Cognitive DTE was calculated based on the average time taken for each correct response in a serial subtraction task50. The motor DTE was calculated based on TUG completion time. In this study, test-retest reliability of the TUG was assessed using intra-class correlation coefficients (ICCs) across four visits conducted at one-week intervals. The ICCs were 0.960 for single-task TUG, 0.929 for cognitive dual-task TUG, and 0.921 for physical dual-task TUG, indicating excellent reliability (p < 0.001 for all).
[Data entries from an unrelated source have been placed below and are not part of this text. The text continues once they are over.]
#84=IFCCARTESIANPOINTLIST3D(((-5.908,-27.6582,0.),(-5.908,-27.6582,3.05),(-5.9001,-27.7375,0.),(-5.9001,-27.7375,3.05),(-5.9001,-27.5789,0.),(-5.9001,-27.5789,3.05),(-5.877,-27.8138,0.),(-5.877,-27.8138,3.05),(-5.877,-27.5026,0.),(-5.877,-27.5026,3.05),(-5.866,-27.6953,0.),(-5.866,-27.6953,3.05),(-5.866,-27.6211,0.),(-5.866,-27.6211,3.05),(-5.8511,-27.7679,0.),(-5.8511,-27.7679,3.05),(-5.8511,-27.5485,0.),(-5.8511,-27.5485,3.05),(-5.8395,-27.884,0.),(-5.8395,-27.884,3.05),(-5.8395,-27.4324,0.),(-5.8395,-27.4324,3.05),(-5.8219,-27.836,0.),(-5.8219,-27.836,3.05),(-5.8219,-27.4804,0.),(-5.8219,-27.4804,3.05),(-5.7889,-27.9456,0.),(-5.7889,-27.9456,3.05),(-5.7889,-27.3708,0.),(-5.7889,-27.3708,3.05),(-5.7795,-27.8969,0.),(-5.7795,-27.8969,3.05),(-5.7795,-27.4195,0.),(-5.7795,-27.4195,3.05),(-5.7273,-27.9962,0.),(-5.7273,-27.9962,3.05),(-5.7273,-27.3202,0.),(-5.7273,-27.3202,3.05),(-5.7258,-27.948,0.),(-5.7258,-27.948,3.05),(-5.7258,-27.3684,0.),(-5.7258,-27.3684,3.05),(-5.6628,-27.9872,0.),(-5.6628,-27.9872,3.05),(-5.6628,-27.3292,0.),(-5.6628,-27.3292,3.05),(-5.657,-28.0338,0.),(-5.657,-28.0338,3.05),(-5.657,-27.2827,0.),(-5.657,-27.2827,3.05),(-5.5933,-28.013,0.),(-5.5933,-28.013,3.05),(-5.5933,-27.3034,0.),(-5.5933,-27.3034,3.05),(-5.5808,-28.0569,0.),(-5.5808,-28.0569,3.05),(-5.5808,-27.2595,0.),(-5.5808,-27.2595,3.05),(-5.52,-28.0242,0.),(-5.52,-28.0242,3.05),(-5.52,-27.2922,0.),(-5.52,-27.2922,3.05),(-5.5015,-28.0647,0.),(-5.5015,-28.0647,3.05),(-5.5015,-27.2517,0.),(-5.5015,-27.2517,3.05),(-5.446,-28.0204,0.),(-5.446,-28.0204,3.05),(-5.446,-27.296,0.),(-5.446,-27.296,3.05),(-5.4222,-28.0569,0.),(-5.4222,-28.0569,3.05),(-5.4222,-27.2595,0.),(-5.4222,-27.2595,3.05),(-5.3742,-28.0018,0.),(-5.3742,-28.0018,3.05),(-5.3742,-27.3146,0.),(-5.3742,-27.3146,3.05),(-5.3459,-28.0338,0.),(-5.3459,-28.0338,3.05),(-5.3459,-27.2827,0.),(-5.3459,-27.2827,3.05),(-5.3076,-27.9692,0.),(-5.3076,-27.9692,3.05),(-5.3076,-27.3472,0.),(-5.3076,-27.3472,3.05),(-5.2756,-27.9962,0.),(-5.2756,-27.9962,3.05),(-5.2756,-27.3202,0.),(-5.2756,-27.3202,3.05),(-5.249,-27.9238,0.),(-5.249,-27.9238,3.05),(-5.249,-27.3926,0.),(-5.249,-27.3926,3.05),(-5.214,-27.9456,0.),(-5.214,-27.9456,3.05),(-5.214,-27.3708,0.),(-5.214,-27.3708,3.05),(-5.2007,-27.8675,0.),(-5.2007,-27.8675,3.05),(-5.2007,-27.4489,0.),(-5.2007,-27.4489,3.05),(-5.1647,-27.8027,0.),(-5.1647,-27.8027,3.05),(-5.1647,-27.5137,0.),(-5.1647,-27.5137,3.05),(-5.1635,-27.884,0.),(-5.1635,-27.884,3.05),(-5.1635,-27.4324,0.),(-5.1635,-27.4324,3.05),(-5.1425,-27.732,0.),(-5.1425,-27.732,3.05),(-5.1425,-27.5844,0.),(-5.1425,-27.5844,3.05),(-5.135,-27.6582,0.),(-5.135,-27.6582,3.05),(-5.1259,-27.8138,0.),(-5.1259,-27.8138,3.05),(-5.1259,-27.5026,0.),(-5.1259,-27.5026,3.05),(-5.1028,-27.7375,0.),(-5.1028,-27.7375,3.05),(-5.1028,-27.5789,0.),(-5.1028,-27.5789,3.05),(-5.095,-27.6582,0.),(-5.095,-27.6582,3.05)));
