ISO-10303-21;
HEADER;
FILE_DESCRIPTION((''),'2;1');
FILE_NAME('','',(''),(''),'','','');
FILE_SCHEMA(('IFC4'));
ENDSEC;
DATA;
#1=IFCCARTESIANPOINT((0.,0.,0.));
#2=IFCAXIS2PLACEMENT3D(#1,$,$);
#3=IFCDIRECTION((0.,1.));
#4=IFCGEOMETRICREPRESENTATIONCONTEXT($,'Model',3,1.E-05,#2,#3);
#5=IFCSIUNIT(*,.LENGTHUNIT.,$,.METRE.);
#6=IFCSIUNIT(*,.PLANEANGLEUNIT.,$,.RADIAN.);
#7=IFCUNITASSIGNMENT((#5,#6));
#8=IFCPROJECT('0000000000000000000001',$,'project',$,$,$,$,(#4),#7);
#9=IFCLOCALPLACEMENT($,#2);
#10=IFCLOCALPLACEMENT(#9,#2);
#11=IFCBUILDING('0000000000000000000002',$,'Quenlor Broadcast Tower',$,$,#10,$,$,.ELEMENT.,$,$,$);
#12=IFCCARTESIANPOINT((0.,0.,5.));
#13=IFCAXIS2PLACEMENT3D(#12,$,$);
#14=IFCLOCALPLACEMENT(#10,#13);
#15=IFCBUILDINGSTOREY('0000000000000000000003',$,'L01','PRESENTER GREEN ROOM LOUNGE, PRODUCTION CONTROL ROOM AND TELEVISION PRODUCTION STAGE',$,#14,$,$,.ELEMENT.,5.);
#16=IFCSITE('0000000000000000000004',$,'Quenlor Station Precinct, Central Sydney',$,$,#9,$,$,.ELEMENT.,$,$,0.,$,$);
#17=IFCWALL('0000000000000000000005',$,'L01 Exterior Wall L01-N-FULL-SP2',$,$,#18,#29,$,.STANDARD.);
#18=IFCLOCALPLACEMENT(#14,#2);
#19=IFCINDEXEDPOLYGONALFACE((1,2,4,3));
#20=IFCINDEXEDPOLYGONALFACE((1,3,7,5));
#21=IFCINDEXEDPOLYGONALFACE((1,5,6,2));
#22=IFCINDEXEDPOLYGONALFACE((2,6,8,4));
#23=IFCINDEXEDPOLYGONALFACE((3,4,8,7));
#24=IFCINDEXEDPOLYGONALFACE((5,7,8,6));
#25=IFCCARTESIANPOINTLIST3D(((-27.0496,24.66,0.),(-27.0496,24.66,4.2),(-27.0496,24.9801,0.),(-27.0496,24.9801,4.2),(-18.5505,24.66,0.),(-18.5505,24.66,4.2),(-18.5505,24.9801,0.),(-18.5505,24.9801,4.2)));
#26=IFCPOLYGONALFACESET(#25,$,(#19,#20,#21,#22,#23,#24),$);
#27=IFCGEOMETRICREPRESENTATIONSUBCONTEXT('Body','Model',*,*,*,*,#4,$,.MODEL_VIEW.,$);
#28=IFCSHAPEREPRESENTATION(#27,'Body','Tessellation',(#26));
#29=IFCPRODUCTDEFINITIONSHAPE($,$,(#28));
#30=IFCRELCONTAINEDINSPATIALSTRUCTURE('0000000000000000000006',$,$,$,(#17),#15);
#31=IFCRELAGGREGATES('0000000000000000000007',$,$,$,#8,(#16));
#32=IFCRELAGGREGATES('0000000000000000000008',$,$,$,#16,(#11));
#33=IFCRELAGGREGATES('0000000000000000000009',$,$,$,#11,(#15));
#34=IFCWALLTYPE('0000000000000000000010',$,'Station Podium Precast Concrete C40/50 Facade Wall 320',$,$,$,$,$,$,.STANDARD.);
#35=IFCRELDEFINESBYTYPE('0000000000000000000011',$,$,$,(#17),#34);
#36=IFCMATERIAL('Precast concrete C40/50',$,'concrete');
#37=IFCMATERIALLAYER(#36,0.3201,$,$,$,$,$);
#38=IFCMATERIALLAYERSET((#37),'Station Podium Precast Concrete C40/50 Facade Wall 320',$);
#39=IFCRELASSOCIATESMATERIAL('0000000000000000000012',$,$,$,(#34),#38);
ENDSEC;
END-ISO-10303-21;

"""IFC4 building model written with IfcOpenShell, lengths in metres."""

from ifc_helpers import new_model, si_unit, direction, frame, frame_2d, origin, place, context, subcontext, project, spatial, rectangle, extrude, material, layer, layer_set, type_object, element, save


model = new_model("IFC4")

# Units and contexts
model_context = context("Model", 3, precision=1e-05, world=origin(), true_north=direction((0.0, 1.0)))
body_context = subcontext(model_context, "Body", "Model", "MODEL_VIEW")
ifc_project = project(units=[si_unit("LENGTHUNIT", "METRE"), si_unit("PLANEANGLEUNIT", "RADIAN")], contexts=[model_context])

# Site, building, storey
site_placement = place(None, origin())
site = spatial("IfcSite", under=ifc_project, at=site_placement, Name="Quenlor Station Precinct, Central Sydney", CompositionType="ELEMENT", RefElevation=0.0)
building_placement = place(site_placement, origin())
building = spatial("IfcBuilding", under=site, at=building_placement, Name="Quenlor Broadcast Tower", CompositionType="ELEMENT")
storey_placement = place(building_placement, frame((0.0, 0.0, 5.0)))
storey = spatial("IfcBuildingStorey", under=building, at=storey_placement, Name="L01", Description="PRESENTER GREEN ROOM LOUNGE, PRODUCTION CONTROL ROOM AND TELEVISION PRODUCTION STAGE", CompositionType="ELEMENT", Elevation=5.0)

# Wall
ifc_material_1 = material(Name="Precast concrete C40/50", Category="concrete")
ifc_layer = layer(ifc_material_1, 0.3201)
ifc_layer_set = layer_set([ifc_layer], Name="Station Podium Precast Concrete C40/50 Facade Wall 320")
wall_type = type_object("IfcWallType", Name="Station Podium Precast Concrete C40/50 Facade Wall 320", PredefinedType="STANDARD", material=ifc_layer_set)
wall_placement = place(storey_placement, frame((-27.0496, 24.8201, 0.0), z_axis=(0.0, 0.0, 1.0), x_axis=(1.0, 0.0, 0.0)))
element("IfcWall", 1, at=wall_placement, inside=storey, type_object=wall_type, Name="L01 Exterior Wall L01-N-FULL-SP2", PredefinedType="STANDARD", context=body_context, shape_type="SweptSolid", body=[
    extrude(rectangle(XDim=8.499, YDim=0.3201, at=frame_2d((4.2495, 0.0))), origin(), (0.0, 0.0, 1.0), 4.2),
])

save(model, "model.ifc")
The Stroop, trail-making, and digit span tests were applied to assess cognitive function. The Stroop test assesses cognitive function, including attention, executive function, processing speed, and cognitive flexibility, by measuring an individual’s capacity to suppress automatic responses51. This test consists of three sections: word, color, and color-word pages, each containing 100 items arranged in five columns of 20. Participants were required to read the words or name the colors of the items as quickly and accurately as possible within a 45-second timeframe. The TMT is a neuropsychological tool used to evaluate the psychomotor speed, attention, sequencing, mental flexibility, as well as visual scanning abilities52. For Trail A, participants connected a line as quickly as possible from 1 to 25, with the numbers placed randomly within a 360-second time limit. The test was terminated if a participant made five errors. The Korean version of Trail B requires participants to alternately connect consecutive numbers and Korean letters within a 300-s time limit, also stopping after five errors. The digit span test, both forward and backward, measures immediate recall and attention. This study utilized raw scores from these tests.
Statistical analysis
Continuous variables are expressed as means and standard deviations. A GEE was applied to assess the time-by-group interactions across different stimulation targets. The Shapiro-Wilk test was conducted to evaluate the normality of the collected data. As most variables did not satisfy the normality assumption, the Wilcoxon signed-rank test was used to evaluate changes before and after stimulation. Statistical significance was set at p < 0.05. All statistical analyses were performed using SPSS (version 26.0; IBM Corp., Armonk, NY, USA).